Frozen is Disney’s latest blockbuster animation, based on the Hans Christian Anderson fairytale, The Snow Queen. In it two sisters, who have been mostly separate since birth, must come together to save their kingdom from an eternal winter of ice and snow. Here View’s Matthew Turner chats to directors Chris Buck and Jennifer Lee about creating their vision of the much loved classic story.
How did the project come about, first of all?
It was an idea I pitched back to John Lasseter in 2008. It’s changed quite a bit, but the essence is still there. It was the Snow Queen, it was the environment. But I think the Snow Queen character was always fascinating to all of us. Not quite as developed as we went in the story, she’s a villain but you don’t know much about her. And so that was our challenge, to create more of a fully dimensional character you care about.
Chris had wanted to look at an act of true love in a different way. I thought that was fantastic. When I was working on [Wreck-It Ralph], I was poking in and going, ‘Hi guys!’ and we’d often give notes to each other on each other’s films. I really believed in what they were doing.
You keyed in right away.
It did change a lot. When I came on, we didn’t have any songs, we really worked close with Bobby and Kristen [Lopez and Anderson-Lopez, song-writers] and developed the story with them. I went back to the original story, really for the theme. Fear versus love is a theme we hadn’t done before. Straight away, from the good versus evil, because I think we’ve seen a lot of that, and there’s nothing wrong with it, but we wanted to do something more dynamic. It beautifully supported this idea of looking at true love in a different way. It was a very long process, and complicated, but I think the essence was always there.
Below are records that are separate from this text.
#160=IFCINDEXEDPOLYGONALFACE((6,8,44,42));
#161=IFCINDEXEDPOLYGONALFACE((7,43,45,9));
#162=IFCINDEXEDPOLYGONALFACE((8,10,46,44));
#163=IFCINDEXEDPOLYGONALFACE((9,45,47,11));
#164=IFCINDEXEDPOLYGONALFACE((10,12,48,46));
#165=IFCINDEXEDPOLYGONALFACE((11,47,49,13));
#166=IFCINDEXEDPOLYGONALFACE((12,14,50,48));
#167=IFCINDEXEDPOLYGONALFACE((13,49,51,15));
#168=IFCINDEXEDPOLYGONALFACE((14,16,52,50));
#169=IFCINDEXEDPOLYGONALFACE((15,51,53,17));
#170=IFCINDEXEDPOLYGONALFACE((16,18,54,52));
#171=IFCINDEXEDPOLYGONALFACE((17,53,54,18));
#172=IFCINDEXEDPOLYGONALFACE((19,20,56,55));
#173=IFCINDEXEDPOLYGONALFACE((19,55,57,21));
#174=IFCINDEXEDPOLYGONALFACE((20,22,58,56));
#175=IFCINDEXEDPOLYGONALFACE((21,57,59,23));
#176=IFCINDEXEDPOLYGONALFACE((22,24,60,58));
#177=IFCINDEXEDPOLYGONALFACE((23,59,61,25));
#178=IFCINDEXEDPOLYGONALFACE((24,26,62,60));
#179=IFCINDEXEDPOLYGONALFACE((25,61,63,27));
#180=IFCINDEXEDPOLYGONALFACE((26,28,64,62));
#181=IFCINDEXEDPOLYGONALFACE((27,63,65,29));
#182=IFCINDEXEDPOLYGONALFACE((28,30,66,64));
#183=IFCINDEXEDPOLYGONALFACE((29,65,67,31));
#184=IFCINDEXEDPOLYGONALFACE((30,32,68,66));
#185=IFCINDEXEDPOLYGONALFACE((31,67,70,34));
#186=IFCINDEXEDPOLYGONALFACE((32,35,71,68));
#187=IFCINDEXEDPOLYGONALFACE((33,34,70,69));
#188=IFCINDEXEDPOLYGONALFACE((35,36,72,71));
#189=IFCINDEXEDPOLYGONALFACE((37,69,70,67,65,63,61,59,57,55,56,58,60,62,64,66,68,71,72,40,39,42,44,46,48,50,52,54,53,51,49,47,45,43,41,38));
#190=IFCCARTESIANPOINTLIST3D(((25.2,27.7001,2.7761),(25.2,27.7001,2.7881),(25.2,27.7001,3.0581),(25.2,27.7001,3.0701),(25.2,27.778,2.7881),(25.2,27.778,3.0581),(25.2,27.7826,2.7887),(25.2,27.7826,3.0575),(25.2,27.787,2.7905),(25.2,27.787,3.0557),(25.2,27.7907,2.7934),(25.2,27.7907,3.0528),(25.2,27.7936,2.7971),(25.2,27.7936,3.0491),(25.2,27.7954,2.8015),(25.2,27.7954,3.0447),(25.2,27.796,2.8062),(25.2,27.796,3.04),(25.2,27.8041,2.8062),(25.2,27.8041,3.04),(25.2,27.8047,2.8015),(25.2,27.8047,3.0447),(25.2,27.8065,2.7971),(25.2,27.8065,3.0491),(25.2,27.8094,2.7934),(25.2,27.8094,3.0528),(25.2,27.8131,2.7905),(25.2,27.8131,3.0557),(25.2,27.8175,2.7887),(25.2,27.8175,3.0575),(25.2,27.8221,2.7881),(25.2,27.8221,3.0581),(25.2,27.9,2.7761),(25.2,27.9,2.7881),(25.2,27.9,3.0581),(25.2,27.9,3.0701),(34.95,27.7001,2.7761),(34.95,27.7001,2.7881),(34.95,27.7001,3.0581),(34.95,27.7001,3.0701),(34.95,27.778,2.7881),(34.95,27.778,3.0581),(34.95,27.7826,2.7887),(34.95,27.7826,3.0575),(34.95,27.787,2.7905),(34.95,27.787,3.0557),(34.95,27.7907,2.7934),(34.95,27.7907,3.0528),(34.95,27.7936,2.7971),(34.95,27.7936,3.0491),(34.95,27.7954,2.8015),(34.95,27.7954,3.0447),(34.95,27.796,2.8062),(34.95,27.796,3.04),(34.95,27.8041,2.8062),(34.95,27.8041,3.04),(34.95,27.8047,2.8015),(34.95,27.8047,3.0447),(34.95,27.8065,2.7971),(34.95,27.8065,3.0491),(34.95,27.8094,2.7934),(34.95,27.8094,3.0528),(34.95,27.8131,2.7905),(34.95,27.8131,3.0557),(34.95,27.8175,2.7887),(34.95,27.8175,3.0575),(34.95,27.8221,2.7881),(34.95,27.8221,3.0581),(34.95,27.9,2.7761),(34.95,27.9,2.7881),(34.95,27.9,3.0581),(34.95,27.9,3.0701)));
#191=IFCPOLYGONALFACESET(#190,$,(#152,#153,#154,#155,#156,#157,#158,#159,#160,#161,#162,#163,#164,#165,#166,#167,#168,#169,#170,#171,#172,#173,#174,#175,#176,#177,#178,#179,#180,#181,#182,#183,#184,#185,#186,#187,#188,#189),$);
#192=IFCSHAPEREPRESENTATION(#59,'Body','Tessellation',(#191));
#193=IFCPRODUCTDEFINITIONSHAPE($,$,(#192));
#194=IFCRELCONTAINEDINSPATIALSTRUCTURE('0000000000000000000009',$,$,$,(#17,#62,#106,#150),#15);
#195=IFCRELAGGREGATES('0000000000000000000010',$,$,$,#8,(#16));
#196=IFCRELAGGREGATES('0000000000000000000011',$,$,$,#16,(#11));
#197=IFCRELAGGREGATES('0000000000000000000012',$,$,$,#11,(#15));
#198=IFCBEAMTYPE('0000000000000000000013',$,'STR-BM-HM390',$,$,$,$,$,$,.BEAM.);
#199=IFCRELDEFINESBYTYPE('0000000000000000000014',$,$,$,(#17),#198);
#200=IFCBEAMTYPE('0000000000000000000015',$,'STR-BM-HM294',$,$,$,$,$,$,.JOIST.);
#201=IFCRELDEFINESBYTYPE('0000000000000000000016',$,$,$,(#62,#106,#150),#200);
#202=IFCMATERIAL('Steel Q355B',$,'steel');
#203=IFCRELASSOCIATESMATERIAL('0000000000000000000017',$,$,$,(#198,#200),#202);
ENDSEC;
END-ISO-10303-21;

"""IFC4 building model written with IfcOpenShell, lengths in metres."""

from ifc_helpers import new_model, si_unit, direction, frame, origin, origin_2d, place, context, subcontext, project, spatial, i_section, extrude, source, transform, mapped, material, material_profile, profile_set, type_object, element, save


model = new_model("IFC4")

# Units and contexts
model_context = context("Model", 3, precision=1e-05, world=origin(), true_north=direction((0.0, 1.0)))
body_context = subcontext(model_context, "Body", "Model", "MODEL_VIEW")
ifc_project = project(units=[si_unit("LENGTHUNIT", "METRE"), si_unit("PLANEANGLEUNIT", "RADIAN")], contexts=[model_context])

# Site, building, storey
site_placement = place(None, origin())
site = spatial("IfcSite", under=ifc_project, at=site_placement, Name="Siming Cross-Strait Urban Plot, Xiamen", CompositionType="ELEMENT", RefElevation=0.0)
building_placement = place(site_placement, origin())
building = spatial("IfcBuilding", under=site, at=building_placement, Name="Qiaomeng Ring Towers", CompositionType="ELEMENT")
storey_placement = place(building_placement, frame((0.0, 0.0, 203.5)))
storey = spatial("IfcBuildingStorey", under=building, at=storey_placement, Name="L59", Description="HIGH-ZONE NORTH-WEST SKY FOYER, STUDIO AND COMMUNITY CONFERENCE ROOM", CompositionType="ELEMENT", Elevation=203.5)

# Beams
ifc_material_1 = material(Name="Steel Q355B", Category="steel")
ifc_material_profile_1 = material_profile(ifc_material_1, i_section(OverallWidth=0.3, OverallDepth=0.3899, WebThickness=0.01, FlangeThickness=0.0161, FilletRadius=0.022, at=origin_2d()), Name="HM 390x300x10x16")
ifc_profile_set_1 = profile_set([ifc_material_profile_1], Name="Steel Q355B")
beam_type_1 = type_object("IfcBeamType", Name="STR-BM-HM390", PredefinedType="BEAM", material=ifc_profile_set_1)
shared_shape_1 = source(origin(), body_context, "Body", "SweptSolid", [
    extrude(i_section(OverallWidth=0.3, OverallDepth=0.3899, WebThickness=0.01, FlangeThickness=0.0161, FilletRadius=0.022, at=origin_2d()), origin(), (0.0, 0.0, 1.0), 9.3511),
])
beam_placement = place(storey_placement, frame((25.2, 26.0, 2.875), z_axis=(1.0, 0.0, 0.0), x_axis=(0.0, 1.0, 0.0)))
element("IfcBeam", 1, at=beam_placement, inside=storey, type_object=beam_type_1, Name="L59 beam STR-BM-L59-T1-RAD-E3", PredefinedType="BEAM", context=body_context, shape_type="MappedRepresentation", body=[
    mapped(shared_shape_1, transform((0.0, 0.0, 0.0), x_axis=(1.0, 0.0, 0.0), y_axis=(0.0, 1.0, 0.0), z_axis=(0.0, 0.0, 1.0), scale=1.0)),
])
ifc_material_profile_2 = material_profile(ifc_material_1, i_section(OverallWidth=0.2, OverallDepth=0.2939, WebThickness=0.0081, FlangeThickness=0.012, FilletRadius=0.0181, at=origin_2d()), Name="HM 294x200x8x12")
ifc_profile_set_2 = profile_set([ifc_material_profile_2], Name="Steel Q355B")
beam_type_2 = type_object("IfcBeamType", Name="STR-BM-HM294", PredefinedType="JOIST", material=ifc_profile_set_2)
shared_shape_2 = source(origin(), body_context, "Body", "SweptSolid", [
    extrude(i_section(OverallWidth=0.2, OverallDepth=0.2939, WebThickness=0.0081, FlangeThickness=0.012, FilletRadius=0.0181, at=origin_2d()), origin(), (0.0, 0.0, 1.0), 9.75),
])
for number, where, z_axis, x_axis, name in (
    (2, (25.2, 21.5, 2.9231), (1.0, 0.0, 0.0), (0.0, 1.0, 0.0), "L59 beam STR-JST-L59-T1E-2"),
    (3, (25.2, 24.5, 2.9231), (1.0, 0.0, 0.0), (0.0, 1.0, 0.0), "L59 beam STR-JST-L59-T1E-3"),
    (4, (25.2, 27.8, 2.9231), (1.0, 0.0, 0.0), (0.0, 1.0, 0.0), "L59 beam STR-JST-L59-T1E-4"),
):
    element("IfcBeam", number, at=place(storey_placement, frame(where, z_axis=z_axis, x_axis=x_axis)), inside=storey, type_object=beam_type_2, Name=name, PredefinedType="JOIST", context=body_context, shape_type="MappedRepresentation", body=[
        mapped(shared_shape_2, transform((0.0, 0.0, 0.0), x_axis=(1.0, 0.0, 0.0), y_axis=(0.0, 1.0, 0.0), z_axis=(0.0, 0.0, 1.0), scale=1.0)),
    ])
What kind of changes did you make? Was she a more evil character in the beginning?
She was. We defined her a little bit more than the book, but she was still just a villain. And then when Jen came on, then the songs. We started working with Kristen [Anderson-Lopez] on the songs. And one of the first songs they wrote was Let It Go.
We were just trying to figure out, who was the Snow Queen, and what is she going through? And they wrote it sort of what it would be like to celebrate her. We were just floored. We completely re-wrote the whole script to support that song. It just spoke to all of us.
Once you heard that song, we had to set Elsa up correctly. You have to tee up a song. You have to earn it, or it won’t play.
I think the other big breakthrough, which was just before that, was making them sisters. I think that really opened up a new level, and a layer to the story. The end of the story, there’s a moment where Anna makes a very special choice. There was an element of that that he had in the very beginning. One of the challenges was to earn that emotionally. To do that, having them be sisters, and then having Anna’s parallel story to a mature understanding of love. They worked
together, and I could suddenly see how we could make this emotional journey resonate, because it was very complicated. Those were the two biggest breakthroughs.
It was very tough to earn that ending. As Ed Catmull said to you when you came on as writer, what was it?
He said, ‘You can change anything you need to, but you’ve got to earn that ending. If you do, it’ll be great and if you don’t it’ll suck.’ No pressure! He’d check in and be like, ‘Almost. You’re getting
there.’ It was finally in June, and we had shown it to an audience, and he was there. He came up and said, ‘You did it,’ and I think I collapsed.